Split Scoring Blade - Sharpco Canada Ltd.


----------



## MAFoElffen (Jun 8, 2012)

Ones like those (120-2-20SCOR) are the scoring blades I'm currently using... Those come as a set with the blade halves and a set of shims. 

No I was looking at these (120-ADJ-20SCOR):
http://dimar-canada.com/pdf/ScoringBlades1.pdf

I was figuring that by their pricing on their standard split scoring blades that their adjustable would probably be $200 to $250), with their replacement blades being $70-$100. My guess-ta-ment was a bit off. The replacement blades would be just the blades halves... Not the arbor adapter.

That would have made sense to me. That would have gave "someone" the ability to set the width of those 2 blades by turning the outside knob on the hub of the adapter instead of removing the outside blade and shimming between them. Then if the blades were dull and were no longer sharpenable, replacing just the blade halves.

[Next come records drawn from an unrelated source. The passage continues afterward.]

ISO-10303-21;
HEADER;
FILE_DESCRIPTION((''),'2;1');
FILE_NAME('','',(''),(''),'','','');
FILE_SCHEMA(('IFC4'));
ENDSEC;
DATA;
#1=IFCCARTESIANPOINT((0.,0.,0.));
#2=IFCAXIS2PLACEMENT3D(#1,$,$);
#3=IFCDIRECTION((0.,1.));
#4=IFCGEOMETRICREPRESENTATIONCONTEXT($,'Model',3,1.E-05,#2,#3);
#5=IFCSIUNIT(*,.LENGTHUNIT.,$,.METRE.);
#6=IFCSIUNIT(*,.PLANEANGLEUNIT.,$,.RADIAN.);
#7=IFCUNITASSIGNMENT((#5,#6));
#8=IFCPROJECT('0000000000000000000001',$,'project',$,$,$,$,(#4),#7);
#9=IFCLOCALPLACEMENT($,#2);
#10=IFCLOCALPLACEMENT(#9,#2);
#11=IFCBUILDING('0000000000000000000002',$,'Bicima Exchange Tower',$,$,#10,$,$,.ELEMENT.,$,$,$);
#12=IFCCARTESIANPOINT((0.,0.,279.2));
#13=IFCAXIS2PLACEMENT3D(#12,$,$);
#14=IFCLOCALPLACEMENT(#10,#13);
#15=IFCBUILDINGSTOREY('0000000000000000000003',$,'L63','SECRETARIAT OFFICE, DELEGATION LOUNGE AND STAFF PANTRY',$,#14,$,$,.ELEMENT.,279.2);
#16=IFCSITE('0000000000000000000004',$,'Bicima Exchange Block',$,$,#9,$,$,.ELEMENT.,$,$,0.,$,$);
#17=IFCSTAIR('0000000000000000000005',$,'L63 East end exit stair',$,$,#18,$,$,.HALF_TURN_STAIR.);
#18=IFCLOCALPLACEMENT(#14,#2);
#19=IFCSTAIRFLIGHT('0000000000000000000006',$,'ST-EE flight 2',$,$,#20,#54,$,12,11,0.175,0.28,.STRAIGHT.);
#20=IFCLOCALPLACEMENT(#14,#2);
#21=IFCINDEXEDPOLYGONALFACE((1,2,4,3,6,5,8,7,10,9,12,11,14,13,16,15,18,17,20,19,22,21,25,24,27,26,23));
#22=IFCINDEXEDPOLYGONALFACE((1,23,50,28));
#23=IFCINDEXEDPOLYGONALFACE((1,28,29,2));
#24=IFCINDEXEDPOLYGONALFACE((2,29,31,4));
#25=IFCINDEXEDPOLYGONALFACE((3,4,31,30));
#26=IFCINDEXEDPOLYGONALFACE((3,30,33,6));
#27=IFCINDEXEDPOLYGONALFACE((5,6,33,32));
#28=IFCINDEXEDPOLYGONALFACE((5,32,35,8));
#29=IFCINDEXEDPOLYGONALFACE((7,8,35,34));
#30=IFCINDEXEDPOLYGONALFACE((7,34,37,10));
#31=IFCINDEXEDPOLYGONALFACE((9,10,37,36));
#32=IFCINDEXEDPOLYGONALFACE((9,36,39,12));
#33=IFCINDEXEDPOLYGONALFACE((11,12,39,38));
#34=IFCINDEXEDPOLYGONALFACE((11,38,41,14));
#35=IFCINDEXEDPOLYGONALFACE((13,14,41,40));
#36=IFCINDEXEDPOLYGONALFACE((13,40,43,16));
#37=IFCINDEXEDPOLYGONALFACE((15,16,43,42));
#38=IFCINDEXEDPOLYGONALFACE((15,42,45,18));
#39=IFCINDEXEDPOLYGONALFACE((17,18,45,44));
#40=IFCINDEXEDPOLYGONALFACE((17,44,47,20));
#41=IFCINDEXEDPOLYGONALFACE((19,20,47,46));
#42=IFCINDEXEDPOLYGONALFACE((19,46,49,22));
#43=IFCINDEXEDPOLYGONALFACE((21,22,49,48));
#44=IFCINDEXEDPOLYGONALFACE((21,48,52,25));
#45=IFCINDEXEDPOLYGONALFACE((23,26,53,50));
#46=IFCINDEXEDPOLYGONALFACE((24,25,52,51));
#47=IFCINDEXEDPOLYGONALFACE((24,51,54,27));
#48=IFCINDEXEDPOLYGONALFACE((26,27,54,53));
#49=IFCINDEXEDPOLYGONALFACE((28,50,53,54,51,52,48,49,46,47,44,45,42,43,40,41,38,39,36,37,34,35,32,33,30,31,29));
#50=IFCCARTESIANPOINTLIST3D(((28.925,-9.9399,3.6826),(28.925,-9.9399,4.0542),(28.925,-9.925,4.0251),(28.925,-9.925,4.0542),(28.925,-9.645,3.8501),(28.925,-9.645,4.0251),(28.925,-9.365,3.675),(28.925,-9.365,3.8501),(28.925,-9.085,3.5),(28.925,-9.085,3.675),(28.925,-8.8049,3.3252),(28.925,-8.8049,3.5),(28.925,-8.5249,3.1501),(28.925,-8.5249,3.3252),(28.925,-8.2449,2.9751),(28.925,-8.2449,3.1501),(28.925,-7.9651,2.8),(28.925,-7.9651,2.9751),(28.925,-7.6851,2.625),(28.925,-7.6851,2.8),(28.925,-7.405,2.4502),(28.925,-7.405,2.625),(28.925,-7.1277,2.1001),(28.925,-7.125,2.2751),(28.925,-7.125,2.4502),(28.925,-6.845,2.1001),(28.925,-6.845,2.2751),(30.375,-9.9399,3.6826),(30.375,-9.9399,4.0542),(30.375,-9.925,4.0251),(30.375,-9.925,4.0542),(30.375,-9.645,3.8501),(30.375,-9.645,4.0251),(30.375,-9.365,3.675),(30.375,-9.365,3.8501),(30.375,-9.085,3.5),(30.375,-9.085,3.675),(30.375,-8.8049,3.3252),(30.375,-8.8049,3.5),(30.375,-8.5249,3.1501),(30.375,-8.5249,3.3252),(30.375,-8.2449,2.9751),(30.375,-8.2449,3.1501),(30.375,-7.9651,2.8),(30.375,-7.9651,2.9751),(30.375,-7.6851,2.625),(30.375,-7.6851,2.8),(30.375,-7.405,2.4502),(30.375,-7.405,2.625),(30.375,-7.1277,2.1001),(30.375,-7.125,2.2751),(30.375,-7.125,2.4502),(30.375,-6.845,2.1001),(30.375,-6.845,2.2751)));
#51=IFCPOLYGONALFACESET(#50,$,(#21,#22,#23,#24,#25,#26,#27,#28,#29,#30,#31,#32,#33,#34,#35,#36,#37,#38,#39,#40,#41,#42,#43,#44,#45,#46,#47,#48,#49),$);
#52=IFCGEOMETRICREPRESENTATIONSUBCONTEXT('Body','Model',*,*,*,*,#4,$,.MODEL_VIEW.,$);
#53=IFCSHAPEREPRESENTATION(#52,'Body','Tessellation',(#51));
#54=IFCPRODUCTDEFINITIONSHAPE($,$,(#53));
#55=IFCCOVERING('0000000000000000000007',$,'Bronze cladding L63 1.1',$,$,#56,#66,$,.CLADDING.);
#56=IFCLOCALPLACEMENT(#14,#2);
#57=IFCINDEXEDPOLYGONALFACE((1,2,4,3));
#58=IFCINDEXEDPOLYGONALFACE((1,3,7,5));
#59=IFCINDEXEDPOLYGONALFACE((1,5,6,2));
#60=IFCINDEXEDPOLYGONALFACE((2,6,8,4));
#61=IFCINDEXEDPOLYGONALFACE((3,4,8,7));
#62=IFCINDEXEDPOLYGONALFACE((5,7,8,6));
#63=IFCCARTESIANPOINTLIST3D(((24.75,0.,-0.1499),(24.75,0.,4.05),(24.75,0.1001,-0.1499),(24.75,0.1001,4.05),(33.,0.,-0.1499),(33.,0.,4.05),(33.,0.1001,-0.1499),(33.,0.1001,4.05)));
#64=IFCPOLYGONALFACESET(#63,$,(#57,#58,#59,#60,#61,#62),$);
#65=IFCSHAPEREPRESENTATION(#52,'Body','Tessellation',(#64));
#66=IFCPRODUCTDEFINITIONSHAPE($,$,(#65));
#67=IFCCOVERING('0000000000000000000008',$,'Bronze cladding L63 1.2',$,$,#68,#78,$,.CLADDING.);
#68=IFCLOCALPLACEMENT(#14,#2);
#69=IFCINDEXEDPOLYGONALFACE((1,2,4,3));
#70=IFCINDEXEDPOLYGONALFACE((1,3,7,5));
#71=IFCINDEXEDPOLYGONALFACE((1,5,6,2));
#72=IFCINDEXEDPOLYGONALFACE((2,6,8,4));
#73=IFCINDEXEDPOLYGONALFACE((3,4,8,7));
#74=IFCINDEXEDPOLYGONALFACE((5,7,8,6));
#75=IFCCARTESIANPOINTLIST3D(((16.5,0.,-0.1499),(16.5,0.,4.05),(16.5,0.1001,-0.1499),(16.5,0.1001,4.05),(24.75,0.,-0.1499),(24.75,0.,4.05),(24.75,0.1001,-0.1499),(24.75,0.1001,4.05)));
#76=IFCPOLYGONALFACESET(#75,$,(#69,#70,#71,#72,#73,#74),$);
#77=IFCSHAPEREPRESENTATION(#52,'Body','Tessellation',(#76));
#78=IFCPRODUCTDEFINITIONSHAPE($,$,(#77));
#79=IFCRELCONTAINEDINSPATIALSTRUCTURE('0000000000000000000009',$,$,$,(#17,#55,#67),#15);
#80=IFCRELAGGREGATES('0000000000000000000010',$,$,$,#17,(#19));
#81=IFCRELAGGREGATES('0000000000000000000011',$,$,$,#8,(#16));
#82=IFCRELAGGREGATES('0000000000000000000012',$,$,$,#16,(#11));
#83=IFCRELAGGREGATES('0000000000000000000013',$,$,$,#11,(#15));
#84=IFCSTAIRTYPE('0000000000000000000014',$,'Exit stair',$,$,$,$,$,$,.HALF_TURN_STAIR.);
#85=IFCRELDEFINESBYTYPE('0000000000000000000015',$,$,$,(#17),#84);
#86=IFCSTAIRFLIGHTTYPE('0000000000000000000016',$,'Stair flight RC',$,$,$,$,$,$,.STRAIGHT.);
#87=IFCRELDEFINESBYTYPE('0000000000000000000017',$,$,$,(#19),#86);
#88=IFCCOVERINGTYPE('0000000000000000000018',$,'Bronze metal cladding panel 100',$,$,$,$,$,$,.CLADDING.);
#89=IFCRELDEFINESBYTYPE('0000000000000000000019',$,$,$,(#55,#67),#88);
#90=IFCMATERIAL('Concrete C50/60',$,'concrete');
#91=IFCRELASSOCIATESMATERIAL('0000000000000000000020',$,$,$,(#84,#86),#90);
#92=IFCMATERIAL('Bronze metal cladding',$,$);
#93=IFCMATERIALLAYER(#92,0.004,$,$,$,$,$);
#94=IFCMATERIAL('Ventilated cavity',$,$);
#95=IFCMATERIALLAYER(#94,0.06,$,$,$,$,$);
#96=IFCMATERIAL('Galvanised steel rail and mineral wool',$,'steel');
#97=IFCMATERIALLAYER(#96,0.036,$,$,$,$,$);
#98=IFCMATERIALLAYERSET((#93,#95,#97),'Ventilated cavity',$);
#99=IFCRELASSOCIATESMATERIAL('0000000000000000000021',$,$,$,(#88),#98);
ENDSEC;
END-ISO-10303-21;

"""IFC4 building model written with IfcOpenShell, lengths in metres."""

from ifc_helpers import new_model, si_unit, direction, frame, origin, origin_2d, place, context, subcontext, project, spatial, polyline, rectangle, outline, extrude, material, layer, layer_set, type_object, element, aggregate, save


model = new_model("IFC4")

# Units and contexts
model_context = context("Model", 3, precision=1e-05, world=origin(), true_north=direction((0.0, 1.0)))
body_context = subcontext(model_context, "Body", "Model", "MODEL_VIEW")
ifc_project = project(units=[si_unit("LENGTHUNIT", "METRE"), si_unit("PLANEANGLEUNIT", "RADIAN")], contexts=[model_context])

# Site, building, storey
site_placement = place(None, origin())
site = spatial("IfcSite", under=ifc_project, at=site_placement, Name="Bicima Exchange Block", CompositionType="ELEMENT", RefElevation=0.0)
building_placement = place(site_placement, origin())
building = spatial("IfcBuilding", under=site, at=building_placement, Name="Bicima Exchange Tower", CompositionType="ELEMENT")
storey_placement = place(building_placement, frame((0.0, 0.0, 279.2)))
storey = spatial("IfcBuildingStorey", under=building, at=storey_placement, Name="L63", Description="SECRETARIAT OFFICE, DELEGATION LOUNGE AND STAFF PANTRY", CompositionType="ELEMENT", Elevation=279.2)

# Shared definitions
ifc_material_1 = material(Name="Concrete C50/60", Category="concrete")

# Stair, stair flight
stair_type = type_object("IfcStairType", Name="Exit stair", PredefinedType="HALF_TURN_STAIR", material=ifc_material_1)
stair_flight_type = type_object("IfcStairFlightType", Name="Stair flight RC", PredefinedType="STRAIGHT", material=ifc_material_1)
stair_1_placement = place(storey_placement, origin())
stair_1 = element("IfcStair", 1, at=stair_1_placement, inside=storey, type_object=stair_type, Name="L63 East end exit stair", PredefinedType="HALF_TURN_STAIR")
stair_flight_1_placement = place(storey_placement, frame((29.6499, -6.845, 2.1001), z_axis=(0.0, 0.0, 1.0), x_axis=(0.0, -1.0, 0.0)))
stair_flight_1 = element("IfcStairFlight", 2, at=stair_flight_1_placement, type_object=stair_flight_type, Name="ST-EE flight 2", NumberOfRisers=12, NumberOfTreads=11, PredefinedType="STRAIGHT", RiserHeight=0.175, TreadLength=0.28, context=body_context, shape_type="SweptSolid", body=[
    extrude(outline(polyline([(0.0, 0.0), (0.0, 0.175), (0.28, 0.175), (0.28, 0.3501), (0.5601, 0.3501), (0.5601, 0.5249), (0.8401, 0.5249), (0.8401, 0.7), (1.1201, 0.7), (1.1201, 0.875), (1.3999, 0.875), (1.3999, 1.05), (1.6799, 1.05), (1.6799, 1.2251), (1.96, 1.2251), (1.96, 1.3999), (2.24, 1.3999), (2.24, 1.575), (2.52, 1.575), (2.52, 1.75), (2.8, 1.75), (2.8, 1.925), (3.0801, 1.925), (3.0801, 1.9541), (3.095, 1.9541), (3.095, 1.5825), (0.2827, 0.0), (0.0, 0.0)])), frame((0.0, 0.7251, 0.0), z_axis=(0.0, -1.0, 0.0), x_axis=(1.0, 0.0, 0.0)), (0.0, 0.0, 1.0), 1.45),
])
aggregate(stair_1, [stair_flight_1])

# Coverings
ifc_material_2 = material(Name="Bronze metal cladding")
ifc_layer_1 = layer(ifc_material_2, 0.004)
ifc_material_3 = material(Name="Ventilated cavity")
ifc_layer_2 = layer(ifc_material_3, 0.06)
ifc_material_4 = material(Name="Galvanised steel rail and mineral wool", Category="steel")
ifc_layer_3 = layer(ifc_material_4, 0.036)
ifc_layer_set_1 = layer_set([ifc_layer_1, ifc_layer_2, ifc_layer_3], Name="Ventilated cavity")
covering_type = type_object("IfcCoveringType", Name="Bronze metal cladding panel 100", PredefinedType="CLADDING", material=ifc_layer_set_1)
for number, where, z_axis, x_axis, name in (
    (3, (28.875, 0.05, -0.1499), (0.0, 0.0, 1.0), (-1.0, 0.0, 0.0), "Bronze cladding L63 1.1"),
    (4, (20.625, 0.05, -0.1499), (0.0, 0.0, 1.0), (-1.0, 0.0, 0.0), "Bronze cladding L63 1.2"),
):
    element("IfcCovering", number, at=place(storey_placement, frame(where, z_axis=z_axis, x_axis=x_axis)), inside=storey, type_object=covering_type, Name=name, PredefinedType="CLADDING", context=body_context, shape_type="SweptSolid", body=[
        extrude(rectangle(XDim=8.25, YDim=0.1001, at=origin_2d()), origin(), (0.0, 0.0, 1.0), 4.2),
    ])

save(model, "model.ifc")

I have to say that using that adjustable adapter is only good for scoring with single blades... I have a dado shim set to score while cutting dado's, but that require using the split scoring blade set. But for standard blade sets, it just seemed like a good idea, until I heard the price.


----------



## DaninVan (Jan 1, 2012)

"...it just seemed like a good idea, until I heard the price."
Funny, doesn't stop people from having kidlets.


----------



## MAFoElffen (Jun 8, 2012)

ROTFLMAO!!!! (Ouch that was good!)

So True.


----------



## BrianS (Nov 7, 2004)

DaninVan said:


> "...it just seemed like a good idea, until I heard the price."
> Funny, doesn't stop people from having kidlets.


Yes, and it's a bill that you are NEVER NEVER NEVER done paying for!!


----------



## MAFoElffen (Jun 8, 2012)

So I was talking wit my rep today asking where part of my order was. Specifically my finish dado set. He had said it wouldn't be long as it was coming from Canada... Seems they waited until they had enough for a full order and didn't send the order off until last week. (Sat on it for 3 weeks?)

Anyways, I told him I really liked those blades and slipped in asking who made their blades...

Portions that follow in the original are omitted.